# Buying a new tv



## Finian (Jul 20, 2019)

I have a galaxy j7star with amazon prime. Which type of tv (roku,amazon) or what subscriptions or streaming services will I need to watch espn?


----------



## TerryNet (Mar 23, 2005)

Are you asking about a TV? Or a "watching TV over the internet" device (such as Apple TV or Amazon Fire Cube)? Or both? Or something else?


----------



## Gr3iz (Mar 9, 2009)

Hello and welcome to TSG!!

It sounds like you want to know which streaming service will provide ESPN? There are several. Either a Roku or Amazon TV stick will allow you to use Sling, Hulu Live or others.

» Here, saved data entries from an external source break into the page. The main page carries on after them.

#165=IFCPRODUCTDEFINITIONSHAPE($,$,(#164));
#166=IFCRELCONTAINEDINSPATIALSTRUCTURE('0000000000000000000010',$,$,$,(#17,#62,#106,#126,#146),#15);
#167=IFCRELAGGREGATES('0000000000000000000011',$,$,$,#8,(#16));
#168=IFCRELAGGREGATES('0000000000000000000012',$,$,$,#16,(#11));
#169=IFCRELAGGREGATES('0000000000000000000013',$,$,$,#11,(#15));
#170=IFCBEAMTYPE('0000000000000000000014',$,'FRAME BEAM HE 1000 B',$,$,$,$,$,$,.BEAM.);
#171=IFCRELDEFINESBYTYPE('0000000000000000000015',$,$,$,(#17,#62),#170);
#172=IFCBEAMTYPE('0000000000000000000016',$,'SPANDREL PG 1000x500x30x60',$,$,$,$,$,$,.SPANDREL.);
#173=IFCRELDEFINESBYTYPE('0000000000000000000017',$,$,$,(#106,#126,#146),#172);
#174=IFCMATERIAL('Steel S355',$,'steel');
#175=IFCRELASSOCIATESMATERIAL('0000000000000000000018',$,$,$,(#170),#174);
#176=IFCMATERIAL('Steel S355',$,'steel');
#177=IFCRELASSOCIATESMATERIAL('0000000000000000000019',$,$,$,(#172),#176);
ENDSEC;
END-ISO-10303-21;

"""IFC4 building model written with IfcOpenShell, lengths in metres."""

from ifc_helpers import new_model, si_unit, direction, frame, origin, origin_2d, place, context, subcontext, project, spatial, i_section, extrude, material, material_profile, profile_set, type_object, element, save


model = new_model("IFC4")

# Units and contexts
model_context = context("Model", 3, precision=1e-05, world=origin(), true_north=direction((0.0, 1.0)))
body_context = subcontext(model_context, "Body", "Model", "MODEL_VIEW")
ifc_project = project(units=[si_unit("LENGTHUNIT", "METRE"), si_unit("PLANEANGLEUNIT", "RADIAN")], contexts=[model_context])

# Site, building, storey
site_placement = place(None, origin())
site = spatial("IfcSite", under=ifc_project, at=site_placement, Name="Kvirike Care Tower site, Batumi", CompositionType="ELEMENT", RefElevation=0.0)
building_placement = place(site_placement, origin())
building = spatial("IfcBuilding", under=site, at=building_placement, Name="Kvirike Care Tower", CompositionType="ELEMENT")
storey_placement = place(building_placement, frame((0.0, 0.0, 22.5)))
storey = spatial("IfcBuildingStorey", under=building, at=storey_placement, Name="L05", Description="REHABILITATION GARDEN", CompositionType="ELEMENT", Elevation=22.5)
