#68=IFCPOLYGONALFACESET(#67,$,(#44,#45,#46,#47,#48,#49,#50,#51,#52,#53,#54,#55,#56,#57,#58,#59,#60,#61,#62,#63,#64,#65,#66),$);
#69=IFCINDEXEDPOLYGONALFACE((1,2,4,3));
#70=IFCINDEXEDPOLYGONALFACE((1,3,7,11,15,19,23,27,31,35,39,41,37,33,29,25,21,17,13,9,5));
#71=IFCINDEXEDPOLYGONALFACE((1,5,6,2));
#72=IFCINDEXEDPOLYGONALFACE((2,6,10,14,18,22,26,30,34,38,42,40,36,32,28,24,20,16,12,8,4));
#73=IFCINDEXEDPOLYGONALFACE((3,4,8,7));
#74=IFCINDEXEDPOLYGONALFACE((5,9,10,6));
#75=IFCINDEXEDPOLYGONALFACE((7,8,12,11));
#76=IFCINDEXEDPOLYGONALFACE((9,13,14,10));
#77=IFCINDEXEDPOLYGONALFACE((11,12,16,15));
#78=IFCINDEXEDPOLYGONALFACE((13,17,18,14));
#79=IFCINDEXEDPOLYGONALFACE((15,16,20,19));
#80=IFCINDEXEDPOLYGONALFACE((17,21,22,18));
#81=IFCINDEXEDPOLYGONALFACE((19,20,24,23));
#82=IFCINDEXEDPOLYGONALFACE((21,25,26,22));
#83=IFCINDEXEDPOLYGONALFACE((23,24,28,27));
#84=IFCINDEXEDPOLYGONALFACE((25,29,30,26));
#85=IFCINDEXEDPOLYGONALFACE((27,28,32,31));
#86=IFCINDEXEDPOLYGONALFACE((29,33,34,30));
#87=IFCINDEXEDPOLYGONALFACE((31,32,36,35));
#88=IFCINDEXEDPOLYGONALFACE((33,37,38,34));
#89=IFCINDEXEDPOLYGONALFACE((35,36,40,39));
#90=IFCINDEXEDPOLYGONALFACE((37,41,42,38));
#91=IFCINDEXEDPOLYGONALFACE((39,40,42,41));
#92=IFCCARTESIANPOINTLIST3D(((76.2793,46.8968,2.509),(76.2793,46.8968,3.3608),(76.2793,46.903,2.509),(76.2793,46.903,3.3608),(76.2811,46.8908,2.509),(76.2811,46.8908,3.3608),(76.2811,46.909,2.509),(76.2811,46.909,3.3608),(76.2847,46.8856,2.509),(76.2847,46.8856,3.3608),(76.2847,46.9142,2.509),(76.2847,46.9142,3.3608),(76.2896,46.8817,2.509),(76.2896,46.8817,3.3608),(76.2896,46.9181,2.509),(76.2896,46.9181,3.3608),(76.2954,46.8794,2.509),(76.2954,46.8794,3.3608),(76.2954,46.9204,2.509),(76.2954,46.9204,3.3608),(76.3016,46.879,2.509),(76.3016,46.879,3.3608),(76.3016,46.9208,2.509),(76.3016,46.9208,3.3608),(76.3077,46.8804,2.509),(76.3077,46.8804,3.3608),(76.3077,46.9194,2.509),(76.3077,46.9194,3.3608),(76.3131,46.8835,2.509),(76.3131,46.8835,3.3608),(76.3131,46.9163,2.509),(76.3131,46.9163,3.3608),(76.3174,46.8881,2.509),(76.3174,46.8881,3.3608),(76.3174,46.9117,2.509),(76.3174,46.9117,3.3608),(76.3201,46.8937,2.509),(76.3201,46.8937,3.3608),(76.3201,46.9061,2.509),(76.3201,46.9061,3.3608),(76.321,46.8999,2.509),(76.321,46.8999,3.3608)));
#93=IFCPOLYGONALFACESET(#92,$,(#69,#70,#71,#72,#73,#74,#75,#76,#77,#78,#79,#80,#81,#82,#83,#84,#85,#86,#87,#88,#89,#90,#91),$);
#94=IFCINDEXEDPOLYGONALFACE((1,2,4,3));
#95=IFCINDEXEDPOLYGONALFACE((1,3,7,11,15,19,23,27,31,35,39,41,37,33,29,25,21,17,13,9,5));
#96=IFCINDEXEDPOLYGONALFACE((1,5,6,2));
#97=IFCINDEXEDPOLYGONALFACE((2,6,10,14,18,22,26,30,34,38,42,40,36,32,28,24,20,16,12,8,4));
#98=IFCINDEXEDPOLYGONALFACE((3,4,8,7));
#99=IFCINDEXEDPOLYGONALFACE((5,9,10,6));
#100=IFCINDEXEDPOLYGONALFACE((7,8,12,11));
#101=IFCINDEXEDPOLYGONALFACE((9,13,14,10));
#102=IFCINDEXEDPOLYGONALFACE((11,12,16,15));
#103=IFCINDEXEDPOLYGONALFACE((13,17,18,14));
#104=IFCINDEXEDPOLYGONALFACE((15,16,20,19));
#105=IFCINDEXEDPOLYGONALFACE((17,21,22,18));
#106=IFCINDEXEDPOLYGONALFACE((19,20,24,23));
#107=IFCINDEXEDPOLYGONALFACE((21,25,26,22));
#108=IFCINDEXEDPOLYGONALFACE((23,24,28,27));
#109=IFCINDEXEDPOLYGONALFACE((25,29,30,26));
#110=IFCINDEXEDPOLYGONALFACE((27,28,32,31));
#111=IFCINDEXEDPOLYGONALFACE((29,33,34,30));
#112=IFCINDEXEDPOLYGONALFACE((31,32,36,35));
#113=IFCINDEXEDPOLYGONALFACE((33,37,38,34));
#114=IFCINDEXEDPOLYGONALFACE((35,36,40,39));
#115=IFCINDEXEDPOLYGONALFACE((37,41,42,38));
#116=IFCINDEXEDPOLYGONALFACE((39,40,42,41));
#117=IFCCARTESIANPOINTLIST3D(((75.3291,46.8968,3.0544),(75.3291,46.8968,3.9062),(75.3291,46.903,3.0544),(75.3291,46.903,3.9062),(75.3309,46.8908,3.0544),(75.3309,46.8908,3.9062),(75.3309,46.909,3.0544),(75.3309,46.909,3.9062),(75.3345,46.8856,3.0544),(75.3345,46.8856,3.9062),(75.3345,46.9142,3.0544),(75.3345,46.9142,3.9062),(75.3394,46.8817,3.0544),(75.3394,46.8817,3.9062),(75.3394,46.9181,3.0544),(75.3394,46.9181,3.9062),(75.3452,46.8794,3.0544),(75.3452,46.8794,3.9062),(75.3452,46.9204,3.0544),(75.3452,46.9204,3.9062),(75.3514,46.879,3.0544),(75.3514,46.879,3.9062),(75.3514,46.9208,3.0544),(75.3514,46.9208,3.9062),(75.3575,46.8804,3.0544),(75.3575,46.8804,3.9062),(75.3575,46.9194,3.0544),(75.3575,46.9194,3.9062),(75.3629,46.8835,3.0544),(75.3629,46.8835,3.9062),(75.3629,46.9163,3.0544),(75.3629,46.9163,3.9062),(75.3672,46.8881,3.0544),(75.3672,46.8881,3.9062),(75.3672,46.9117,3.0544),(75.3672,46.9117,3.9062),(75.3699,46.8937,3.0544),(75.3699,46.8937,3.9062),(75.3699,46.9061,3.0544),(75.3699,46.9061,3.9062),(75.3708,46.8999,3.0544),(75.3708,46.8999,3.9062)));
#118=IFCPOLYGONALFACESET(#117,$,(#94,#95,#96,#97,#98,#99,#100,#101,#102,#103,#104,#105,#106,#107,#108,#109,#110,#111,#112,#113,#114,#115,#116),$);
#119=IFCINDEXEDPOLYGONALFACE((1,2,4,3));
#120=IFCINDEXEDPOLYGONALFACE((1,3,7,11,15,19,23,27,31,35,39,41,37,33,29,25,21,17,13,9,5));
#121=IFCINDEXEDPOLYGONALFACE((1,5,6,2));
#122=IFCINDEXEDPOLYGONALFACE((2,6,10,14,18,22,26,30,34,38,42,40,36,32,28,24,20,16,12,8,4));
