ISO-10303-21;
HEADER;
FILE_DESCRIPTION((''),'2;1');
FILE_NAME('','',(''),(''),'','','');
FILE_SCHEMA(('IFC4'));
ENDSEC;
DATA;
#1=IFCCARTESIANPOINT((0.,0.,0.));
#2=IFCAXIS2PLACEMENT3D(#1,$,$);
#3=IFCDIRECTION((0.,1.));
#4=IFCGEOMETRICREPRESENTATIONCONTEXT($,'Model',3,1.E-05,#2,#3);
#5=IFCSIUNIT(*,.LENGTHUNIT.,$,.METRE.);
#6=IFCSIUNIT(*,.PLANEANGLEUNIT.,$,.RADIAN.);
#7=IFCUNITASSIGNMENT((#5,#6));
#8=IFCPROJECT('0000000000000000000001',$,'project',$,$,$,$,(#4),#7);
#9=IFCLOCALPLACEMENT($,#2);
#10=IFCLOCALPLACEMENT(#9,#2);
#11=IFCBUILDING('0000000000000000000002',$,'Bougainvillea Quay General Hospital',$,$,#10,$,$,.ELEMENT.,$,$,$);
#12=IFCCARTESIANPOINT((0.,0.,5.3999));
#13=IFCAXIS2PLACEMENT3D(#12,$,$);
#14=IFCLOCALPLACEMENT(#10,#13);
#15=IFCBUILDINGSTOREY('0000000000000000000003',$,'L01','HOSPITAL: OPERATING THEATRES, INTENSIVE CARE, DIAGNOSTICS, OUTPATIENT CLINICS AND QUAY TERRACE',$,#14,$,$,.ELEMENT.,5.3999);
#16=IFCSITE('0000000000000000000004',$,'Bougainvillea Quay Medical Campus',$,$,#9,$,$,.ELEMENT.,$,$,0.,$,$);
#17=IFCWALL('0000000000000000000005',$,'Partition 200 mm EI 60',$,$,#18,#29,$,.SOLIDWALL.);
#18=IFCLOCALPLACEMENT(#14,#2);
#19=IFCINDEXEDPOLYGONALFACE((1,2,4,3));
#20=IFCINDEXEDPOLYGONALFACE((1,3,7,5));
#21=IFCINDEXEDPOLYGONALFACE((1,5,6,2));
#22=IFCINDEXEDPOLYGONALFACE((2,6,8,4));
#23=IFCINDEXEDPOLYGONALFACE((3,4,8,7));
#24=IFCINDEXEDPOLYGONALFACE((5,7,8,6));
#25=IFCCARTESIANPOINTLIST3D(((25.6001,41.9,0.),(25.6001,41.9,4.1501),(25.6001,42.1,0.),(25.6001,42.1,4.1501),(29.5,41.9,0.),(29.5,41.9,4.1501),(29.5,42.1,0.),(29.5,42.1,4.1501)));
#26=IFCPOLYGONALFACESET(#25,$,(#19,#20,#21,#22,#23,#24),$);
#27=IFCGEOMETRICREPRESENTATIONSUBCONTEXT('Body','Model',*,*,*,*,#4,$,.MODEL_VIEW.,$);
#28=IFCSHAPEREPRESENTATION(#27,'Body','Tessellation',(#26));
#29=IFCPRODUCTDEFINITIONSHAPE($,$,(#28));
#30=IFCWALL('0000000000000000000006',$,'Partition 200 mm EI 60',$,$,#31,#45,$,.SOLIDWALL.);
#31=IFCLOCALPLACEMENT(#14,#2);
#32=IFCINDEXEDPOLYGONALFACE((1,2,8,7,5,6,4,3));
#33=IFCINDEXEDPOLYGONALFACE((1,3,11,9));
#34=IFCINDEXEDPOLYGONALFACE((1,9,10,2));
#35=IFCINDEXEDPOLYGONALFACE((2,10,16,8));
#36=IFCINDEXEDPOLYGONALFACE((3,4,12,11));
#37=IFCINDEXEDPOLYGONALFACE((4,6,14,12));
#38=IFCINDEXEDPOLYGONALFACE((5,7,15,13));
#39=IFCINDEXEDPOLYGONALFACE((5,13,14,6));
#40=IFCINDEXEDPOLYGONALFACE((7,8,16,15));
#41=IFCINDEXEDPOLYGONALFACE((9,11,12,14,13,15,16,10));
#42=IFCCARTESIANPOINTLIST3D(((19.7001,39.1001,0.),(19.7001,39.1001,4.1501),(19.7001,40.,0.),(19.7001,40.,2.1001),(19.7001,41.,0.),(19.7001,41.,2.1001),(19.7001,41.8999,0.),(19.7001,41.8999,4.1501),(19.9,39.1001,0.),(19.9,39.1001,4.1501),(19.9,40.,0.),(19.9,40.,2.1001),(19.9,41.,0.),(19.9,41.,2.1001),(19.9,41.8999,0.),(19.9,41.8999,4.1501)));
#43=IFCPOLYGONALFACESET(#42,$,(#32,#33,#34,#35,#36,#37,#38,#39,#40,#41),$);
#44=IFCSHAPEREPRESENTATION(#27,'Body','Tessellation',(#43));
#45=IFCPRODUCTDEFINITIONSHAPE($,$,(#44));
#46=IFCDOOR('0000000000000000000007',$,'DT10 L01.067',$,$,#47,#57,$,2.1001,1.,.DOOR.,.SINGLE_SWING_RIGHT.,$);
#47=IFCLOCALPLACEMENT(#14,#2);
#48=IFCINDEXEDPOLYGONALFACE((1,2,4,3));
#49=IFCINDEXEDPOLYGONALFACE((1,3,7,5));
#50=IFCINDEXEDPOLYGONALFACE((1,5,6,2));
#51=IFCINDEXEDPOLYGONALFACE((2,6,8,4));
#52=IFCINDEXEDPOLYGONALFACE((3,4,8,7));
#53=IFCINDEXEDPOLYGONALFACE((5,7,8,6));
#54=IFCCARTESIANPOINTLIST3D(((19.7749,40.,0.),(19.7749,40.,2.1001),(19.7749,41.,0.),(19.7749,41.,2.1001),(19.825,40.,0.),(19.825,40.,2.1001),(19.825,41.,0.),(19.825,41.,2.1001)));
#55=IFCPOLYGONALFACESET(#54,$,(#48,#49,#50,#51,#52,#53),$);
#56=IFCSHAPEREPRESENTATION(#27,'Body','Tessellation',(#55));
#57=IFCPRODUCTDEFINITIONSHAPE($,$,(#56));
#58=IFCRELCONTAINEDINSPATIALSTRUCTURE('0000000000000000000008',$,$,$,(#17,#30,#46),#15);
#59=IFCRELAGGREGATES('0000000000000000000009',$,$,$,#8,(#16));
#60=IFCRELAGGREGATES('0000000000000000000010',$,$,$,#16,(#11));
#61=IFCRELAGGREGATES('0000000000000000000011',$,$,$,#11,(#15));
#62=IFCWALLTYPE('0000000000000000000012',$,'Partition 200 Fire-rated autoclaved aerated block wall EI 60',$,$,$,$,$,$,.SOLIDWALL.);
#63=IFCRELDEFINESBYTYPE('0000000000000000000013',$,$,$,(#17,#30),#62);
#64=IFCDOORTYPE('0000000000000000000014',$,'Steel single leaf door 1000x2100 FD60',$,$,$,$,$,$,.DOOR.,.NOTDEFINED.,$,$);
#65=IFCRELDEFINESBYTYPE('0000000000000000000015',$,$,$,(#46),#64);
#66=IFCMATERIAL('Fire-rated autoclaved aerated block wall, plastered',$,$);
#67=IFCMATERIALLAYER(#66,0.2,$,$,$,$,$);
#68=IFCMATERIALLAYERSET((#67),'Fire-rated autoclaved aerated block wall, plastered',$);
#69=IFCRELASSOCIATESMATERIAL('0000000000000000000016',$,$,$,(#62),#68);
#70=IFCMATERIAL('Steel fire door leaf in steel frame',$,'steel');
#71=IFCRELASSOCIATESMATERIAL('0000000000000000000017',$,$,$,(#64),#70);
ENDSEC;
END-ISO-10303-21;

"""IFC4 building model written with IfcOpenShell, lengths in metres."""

from ifc_helpers import new_model, si_unit, direction, frame, frame_2d, origin, place, context, subcontext, project, spatial, rectangle, extrude, material, layer, layer_set, type_object, element, fill, save


model = new_model("IFC4")

# Units and contexts
model_context = context("Model", 3, precision=1e-05, world=origin(), true_north=direction((0.0, 1.0)))
body_context = subcontext(model_context, "Body", "Model", "MODEL_VIEW")
ifc_project = project(units=[si_unit("LENGTHUNIT", "METRE"), si_unit("PLANEANGLEUNIT", "RADIAN")], contexts=[model_context])

# Site, building, storey
site_placement = place(None, origin())
site = spatial("IfcSite", under=ifc_project, at=site_placement, Name="Bougainvillea Quay Medical Campus", CompositionType="ELEMENT", RefElevation=0.0)
building_placement = place(site_placement, origin())
building = spatial("IfcBuilding", under=site, at=building_placement, Name="Bougainvillea Quay General Hospital", CompositionType="ELEMENT")
storey_placement = place(building_placement, frame((0.0, 0.0, 5.3999)))
storey = spatial("IfcBuildingStorey", under=building, at=storey_placement, Name="L01", Description="HOSPITAL: OPERATING THEATRES, INTENSIVE CARE, DIAGNOSTICS, OUTPATIENT CLINICS AND QUAY TERRACE", CompositionType="ELEMENT", Elevation=5.3999)

# Wall
ifc_material_1 = material(Name="Fire-rated autoclaved aerated block wall, plastered")
ifc_layer_1 = layer(ifc_material_1, 0.2)
ifc_layer_set_1 = layer_set([ifc_layer_1], Name="Fire-rated autoclaved aerated block wall, plastered")
wall_type_1 = type_object("IfcWallType", Name="Partition 200 Fire-rated autoclaved aerated block wall EI 60", PredefinedType="SOLIDWALL", material=ifc_layer_set_1)
wall_1_placement = place(storey_placement, frame((25.6001, 42.0, 0.0), z_axis=(0.0, 0.0, 1.0), x_axis=(1.0, 0.0, 0.0)))
element("IfcWall", 1, at=wall_1_placement, inside=storey, type_object=wall_type_1, Name="Partition 200 mm EI 60", PredefinedType="SOLIDWALL", context=body_context, shape_type="SweptSolid", body=[
    extrude(rectangle(XDim=3.8999, YDim=0.2, at=frame_2d((1.95, 0.0))), origin(), (0.0, 0.0, 1.0), 4.1501),
])

# Wall, opening, door
wall_2_placement = place(storey_placement, frame((19.8, 39.1001, 0.0), z_axis=(0.0, 0.0, 1.0), x_axis=(0.0, 1.0, 0.0)))
wall_2 = element("IfcWall", 2, at=wall_2_placement, inside=storey, type_object=wall_type_1, Name="Partition 200 mm EI 60", PredefinedType="SOLIDWALL", context=body_context, shape_type="SweptSolid", body=[
    extrude(rectangle(XDim=2.7998, YDim=0.2, at=frame_2d((1.3999, 0.0))), origin(), (0.0, 0.0, 1.0), 4.1501),
])
opening_1_placement = place(wall_2_placement, frame((0.8999, 0.0, 0.0)))
opening_1 = element("IfcOpeningElement", 3, at=opening_1_placement, cuts=wall_2, PredefinedType="OPENING", context=body_context, shape_type="SweptSolid", body=[
    extrude(rectangle(XDim=1.0, YDim=2.1001, at=frame_2d((0.5, 1.05))), frame((0.0, 0.1099, 0.0), z_axis=(0.0, -1.0, 0.0), x_axis=(1.0, 0.0, 0.0)), (0.0, 0.0, 1.0), 0.22),
])
ifc_material_2 = material(Name="Steel fire door leaf in steel frame", Category="steel")
door_type_1 = type_object("IfcDoorType", Name="Steel single leaf door 1000x2100 FD60", OperationType="NOTDEFINED", PredefinedType="DOOR", material=ifc_material_2)
door_1_placement = place(opening_1_placement, frame((1.0, 0.0, 0.0), z_axis=(0.0, 0.0, 1.0), x_axis=(-1.0, 0.0, 0.0)))
door_1 = element("IfcDoor", 4, at=door_1_placement, inside=storey, type_object=door_type_1, Name="DT10 L01.067", OperationType="SINGLE_SWING_RIGHT", OverallHeight=2.1001, OverallWidth=1.0, PredefinedType="DOOR", context=body_context, shape_type="SweptSolid", body=[
    extrude(rectangle(XDim=1.0, YDim=2.1001, at=frame_2d((0.5, 1.05))), frame((0.0, 0.0249, 0.0), z_axis=(0.0, -1.0, 0.0), x_axis=(1.0, 0.0, 0.0)), (0.0, 0.0, 1.0), 0.05),
])
fill(opening_1, door_1)

save(model, "model.ifc")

See this web site:
https://www.killthecablebill.com/tv-channels/espn/


----------



## Deke40 (Jun 27, 2002)

_ I prefer PlayStationVue Elite as it has a plethora of sports channels.

_


----------



## Gr3iz (Mar 9, 2009)

I actually started with them. I switched to Sling when they jacked their prices by over 25% (I forget how much). More recently I switched to Hulu Live TV because I can't always rely on my antennae to pull in local stations. I get the few sports stations I need for my racing (FS1 and NBCSN).


----------



## Deke40 (Jun 27, 2002)

We have had only a $5 increase while we have been on PSVUE. I probably don't watch a 10% of the channels but I do love my college football and this fits the bill. It has pretty well been bulletproof except for a boo boo yesterday morning for a short time. My bedroom TV where I watch my games is probably dormant for over 6 or 7 months of the year. With Hulu, Neflix, Acorn and Prime I have plenty to watch.

We are lucky to be in one of the markets where they have the Big 4-ABC, NBC. CBS and FOX.


----------